The Wnt/β-catenin signaling pathway has been widely implicated as a controller of cell growth, migration and stem-like phenotype [29, 30]. In the present study, we found introduction of DKK1 into breast cancer cells inhibited β-catenin protein expression in breast cancer cells, while knockdown of DKK1 promote β-catenin expression. In support of our findings, Koch et al. [31] reported that the downregulation of DKK1 increased proliferation of epithelial cells in the large intestine, which was associated with increased transcriptional activity of β-catenin. While Zhou et al. [32] suggested DKK1 overexpression inhibits proliferation and migration in human retinal pigment epithelial cells via the Wnt/β-catenin signaling pathway.

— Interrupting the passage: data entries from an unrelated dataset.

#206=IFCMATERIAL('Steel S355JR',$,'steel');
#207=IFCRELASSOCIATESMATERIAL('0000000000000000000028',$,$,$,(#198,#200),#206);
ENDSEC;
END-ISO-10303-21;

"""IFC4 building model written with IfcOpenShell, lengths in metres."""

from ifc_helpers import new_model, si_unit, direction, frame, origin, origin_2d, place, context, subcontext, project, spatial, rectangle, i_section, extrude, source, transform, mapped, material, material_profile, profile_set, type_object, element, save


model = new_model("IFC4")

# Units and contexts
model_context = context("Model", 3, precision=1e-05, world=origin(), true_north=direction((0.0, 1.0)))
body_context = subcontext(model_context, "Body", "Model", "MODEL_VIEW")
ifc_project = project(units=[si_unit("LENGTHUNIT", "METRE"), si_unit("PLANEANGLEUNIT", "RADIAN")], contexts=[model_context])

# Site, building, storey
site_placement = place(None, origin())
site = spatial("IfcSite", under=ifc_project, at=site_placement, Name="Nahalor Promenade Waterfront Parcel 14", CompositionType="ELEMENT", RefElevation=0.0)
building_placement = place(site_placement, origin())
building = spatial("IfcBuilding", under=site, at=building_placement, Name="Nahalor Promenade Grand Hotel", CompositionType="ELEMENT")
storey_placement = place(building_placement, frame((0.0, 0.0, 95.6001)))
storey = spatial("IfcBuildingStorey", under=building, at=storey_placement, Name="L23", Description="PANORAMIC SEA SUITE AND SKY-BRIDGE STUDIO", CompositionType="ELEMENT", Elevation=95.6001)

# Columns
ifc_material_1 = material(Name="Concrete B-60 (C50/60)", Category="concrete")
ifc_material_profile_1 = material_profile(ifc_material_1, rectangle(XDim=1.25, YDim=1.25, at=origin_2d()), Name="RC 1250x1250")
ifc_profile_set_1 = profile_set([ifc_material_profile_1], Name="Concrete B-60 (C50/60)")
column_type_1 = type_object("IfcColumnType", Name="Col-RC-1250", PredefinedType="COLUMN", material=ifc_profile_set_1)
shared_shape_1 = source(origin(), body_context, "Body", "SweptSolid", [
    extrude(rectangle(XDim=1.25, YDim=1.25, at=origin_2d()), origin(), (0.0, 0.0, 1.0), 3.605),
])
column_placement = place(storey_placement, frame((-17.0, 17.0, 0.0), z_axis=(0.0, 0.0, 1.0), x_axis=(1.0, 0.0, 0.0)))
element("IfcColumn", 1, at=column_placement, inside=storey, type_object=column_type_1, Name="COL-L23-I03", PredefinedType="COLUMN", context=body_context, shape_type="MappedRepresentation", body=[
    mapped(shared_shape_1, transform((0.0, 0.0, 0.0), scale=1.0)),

Matrix metalloproteinase-7 (MMP-7) is a small secreted proteolytic enzyme with broad substrate specificity [33]. Its expression is associated with tumor invasion, metastasis and survival in a variety of cancers [34, 35]. Several reports have shown that MMP7 is overexpressed in both the cells and tissues of breast cancer [36, 37]. Moreover, it is well-known that MMP7 is one of the most important downstream target genes of β-catenin/TCF-4 [11]. However, the relationship between MMP7 and DKK1 remain elusive in breast cancer. Here, we demonstrate MMP7 is an important target downstream of DKK1 in breast cancer cells, based on the following studies: knockdown of DKK1 is associated with enhanced level of MMP7 in MDA-MB-231 and MCF-7 cells. Overexpression of DKK1 represses MMP7 expression and inhibits migration and invasion of breast cancer cells. Moreover, upon treatment with β-catenin nuclear translocation inhibitor XAV-939 in MCF-7 and MDA-MB-231 cells, the protein level of MMP7 was reduced associated with a less invasive activity. All these findings suggested that DKK1 may inhibit breast cell migration and invasion by attenuating β-catenin/MMP7 signaling pathway. However, accumulating evidences suggested the famous downstream target genes of β-catenin including c-myc and MMP9 were remarkably correlated with breast cancer distant metastasis and poor prognosis [38, 39]. Therefore, we did not exclude these β-catenin target genes involved in the invasion process.

Conclusion

DKK1 suppressed breast cancer cell migration and invasion by alleviating β-catenin/MMP7, our findings offered a potential alternative for breast cancer prevention and treatment.